Customize a speech model

Important

The deadline for migrating Azure Video Indexer content due to the Azure Media Services retirement has passed. See the retirement guide for more information.

Note

Speech model customization, including pronunciation training, is only supported in Video Indexer Azure trial accounts and Resource Manager accounts. It is not supported in classic accounts. For guidance on how to update your account type at no cost, see the Update your Azure AI Video Indexer account. For guidance on using the custom language experience, see Customize a Language model.

Azure AI Video Indexer lets you create custom speech models to customize speech recognition by uploading datasets that are used to create a speech model. This article goes through the steps to do so through the Video Indexer website. You can also use the API, as described in Customize speech model using API.

For a detailed overview and best practices for custom speech models, see Customize a speech model with Azure AI Video Indexer.

Prerequisites

Create a dataset

As all custom models must contain a dataset, we'll start with the process of how to create and manage datasets.

  1. Select the Model customization button.
  2. Select the Speech (new) tab.
  3. Select Upload dataset.
  4. Select either Plain text or Pronunciation from the Dataset type dropdown menu. Every speech model must have a plain text dataset and can optionally have a pronunciation dataset.
  5. Select Browse and select the dataset file. You can choose only one.
  6. Select a Language for the model. Choose the language that is spoken in the media files you plan on indexing with this model. The Dataset name is prepopulated with the name of the file but you can modify the name.
  7. You can optionally add a description of the dataset. This could be helpful to distinguish each dataset if you expect to have multiple datasets.
  8. Select Upload. When the dataset creation is complete, you can use it for training and creation of new models.
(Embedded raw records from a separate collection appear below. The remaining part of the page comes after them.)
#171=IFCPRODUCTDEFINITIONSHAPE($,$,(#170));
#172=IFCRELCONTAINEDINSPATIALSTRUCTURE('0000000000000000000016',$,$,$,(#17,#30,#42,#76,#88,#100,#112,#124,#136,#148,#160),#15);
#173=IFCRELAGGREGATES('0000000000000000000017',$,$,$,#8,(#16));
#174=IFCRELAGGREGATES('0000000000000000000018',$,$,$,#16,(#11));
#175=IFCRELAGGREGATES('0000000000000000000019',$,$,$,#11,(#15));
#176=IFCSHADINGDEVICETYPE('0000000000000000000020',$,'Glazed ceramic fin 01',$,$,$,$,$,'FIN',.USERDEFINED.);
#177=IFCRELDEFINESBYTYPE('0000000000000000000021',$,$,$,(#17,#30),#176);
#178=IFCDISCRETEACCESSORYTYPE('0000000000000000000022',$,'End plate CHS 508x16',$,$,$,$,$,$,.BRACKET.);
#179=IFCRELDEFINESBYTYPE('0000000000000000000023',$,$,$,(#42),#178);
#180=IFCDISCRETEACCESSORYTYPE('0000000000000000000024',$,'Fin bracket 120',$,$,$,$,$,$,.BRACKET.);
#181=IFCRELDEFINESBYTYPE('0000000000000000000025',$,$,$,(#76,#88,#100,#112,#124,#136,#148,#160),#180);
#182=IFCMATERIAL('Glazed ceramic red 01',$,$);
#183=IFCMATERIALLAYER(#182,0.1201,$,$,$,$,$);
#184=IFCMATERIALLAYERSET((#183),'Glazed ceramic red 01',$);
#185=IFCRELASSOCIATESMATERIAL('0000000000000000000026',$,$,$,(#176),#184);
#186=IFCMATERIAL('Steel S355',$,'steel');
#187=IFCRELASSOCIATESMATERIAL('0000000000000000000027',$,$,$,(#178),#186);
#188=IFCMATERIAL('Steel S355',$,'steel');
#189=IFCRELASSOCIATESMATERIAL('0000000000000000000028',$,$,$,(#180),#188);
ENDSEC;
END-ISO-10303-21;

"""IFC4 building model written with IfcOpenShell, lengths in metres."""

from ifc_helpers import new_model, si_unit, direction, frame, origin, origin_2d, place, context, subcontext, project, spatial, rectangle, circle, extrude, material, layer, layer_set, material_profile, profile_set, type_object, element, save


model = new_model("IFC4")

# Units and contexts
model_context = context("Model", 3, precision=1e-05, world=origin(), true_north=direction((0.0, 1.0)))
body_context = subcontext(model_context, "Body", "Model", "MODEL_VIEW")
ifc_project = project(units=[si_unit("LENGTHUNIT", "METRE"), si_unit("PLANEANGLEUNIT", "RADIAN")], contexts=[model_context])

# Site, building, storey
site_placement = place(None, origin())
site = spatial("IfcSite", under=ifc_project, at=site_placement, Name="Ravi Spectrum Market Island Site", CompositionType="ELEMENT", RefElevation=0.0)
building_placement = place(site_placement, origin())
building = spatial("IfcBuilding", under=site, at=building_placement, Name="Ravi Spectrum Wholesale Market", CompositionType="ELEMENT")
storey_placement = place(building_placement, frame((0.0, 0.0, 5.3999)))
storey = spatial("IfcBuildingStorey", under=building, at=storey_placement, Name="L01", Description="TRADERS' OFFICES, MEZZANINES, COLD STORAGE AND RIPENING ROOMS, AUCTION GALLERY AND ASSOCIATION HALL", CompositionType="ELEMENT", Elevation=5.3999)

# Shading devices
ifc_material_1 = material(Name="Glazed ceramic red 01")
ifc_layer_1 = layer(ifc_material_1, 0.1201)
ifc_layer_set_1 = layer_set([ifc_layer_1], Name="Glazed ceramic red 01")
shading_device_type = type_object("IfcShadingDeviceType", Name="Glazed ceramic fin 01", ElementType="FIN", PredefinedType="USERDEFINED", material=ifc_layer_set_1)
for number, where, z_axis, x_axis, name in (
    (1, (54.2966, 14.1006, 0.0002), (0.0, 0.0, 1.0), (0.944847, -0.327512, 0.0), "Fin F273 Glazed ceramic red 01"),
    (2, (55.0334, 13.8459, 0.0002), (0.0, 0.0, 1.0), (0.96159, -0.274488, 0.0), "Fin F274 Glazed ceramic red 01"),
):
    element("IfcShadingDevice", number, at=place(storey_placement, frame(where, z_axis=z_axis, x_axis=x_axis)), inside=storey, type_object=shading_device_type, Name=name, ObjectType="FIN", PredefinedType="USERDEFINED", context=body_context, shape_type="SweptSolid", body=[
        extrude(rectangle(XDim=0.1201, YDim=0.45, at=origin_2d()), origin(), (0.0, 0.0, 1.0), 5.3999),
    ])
Review and update a dataset

You can view a dataset and its properties by:

  • Clicking on the dataset name
  • Hovering over the dataset
  • Selecting the ellipsis

Then, select View Dataset.

You can then view the name, description, language, and status of the dataset plus the following properties:

Number of lines: indicates the number of lines successfully loaded out of the total number of lines in the file. If the entire file is loaded successfully the numbers will match (for example, 10 of 10 normalized). If the numbers don't match (for example, 7 of 10 normalized), this means that only some of the lines successfully loaded and the rest had errors. Common causes of errors are formatting issues with a line, such as not spacing a tab between each word in a pronunciation file. Reviewing the plain text and pronunciation data for training articles should be helpful in finding the issue. To troubleshoot the cause, review the error details, which are contained in the report. Select View report to view the error details regarding the lines that didn't load successfully (errorKind). This can also be viewed by selecting the Report tab.

Dataset ID: Each dataset has a unique GUID, which is needed when using the API for operations that reference the dataset.

Plain text (normalized): This contains the normalized text of the loaded dataset file. Normalized text is the recognized text in plain form without formatting.

Edit Details: To edit a dataset's name or description, when hovering over the dataset, select on the ellipsis and then select Edit details. You're then able to edit the dataset name and description.

Note

The data in a dataset can't be edited or updated once the dataset has been uploaded. If you need to edit or update the data in a dataset, download the dataset, perform the edits, save the file, and upload the new dataset file.

Download: To download a dataset file, when hovering over the dataset, select on the ellipsis and then select Download. Alternatively, when viewing the dataset, you can select Download and then have the option of downloading the dataset file or the upload report in JSON form.

Delete: To delete a dataset, when hovering over the dataset, select on the ellipsis and then select Delete.

Create a custom speech model

Datasets are used in the creation and training of models. Once you have created a plain text dataset, you can create and start using a custom speech model.

Keep in mind the following when creating and using custom speech models:

  • A new model must include at least one plain text dataset and can have multiple plain text datasets.
  • It's optional to include a pronunciation dataset and no more than one can be included.
  • Once a model is created, you can't add additional datasets to it or perform any modifications to its datasets. If you need to add or modify datasets, create a new model.
  • If you have indexed a video using a custom speech model and then delete the model, the transcript isn't impacted unless you perform a reindex.
  • If you deleted a dataset that was used to train a custom model, as the speech model was already trained by the dataset, it continues to use it until the speech model is deleted.
  • If you delete a custom model, it has no impact of the transcription of videos that were already indexed using the model.

Train a model

Note

Once a model is created, datasets can't be added. A model can only contain datasets of the same language.

There are two ways to train a model – through the dataset tab and through the model tab.

Train a model through the Datasets tab

  1. View the list of datasets.
  2. Select a plain text dataset. The Train new model icon above can then be selected.
  3. Select Train new model.
  4. Enter a name for the model, a language, and optionally add a description.
  5. Select the Datasets tab
  6. Select the datasets you want to be included in the model.
  7. Select Create and train.

Train a model through the Models tab

  1. Select the Models tab.
  2. Select Train new model icon.
  3. Select the datasets that you want to be part of the model.
  4. Enter a name for the model, a language, and optionally add a description.
  5. Select the Datasets tab.
  6. Select the datasets you want to be included in the model.
  7. Select Create and train.

Review and update a model

View Model: You can view a model and its properties by either clicking on the model’s name or when hovering over the model, clicking on the ellipsis and then selecting View Model.

You'll then see in the Details tab the name, description, language, and status of the model plus the following properties:

Model ID: Each model has a unique GUID, which is needed when using the API for operations that reference the model.

Created on: The date the model was created.

Edit Details: To edit a model’s name or description, when hovering over the model, select on the ellipsis and then select Edit details. You're then able to edit the model’s name and description.

Note

Only the model’s name and description can be edited. If you want to make any changes to its datasets or add datasets, a new model must be created.

Delete: To delete a model, when hovering over the dataset, select on the ellipsis and then select Delete.

Included datasets: Select on the Included datasets tab to view the model’s datasets.

Use a custom language model when indexing a video

A custom language model isn't used by default for indexing jobs, so must be selected during the index upload process.

  1. During the upload process, select your custom language model source from the language drop-down menu.
  2. Select Upload.

The same steps apply when you want to reindex a video with a custom model.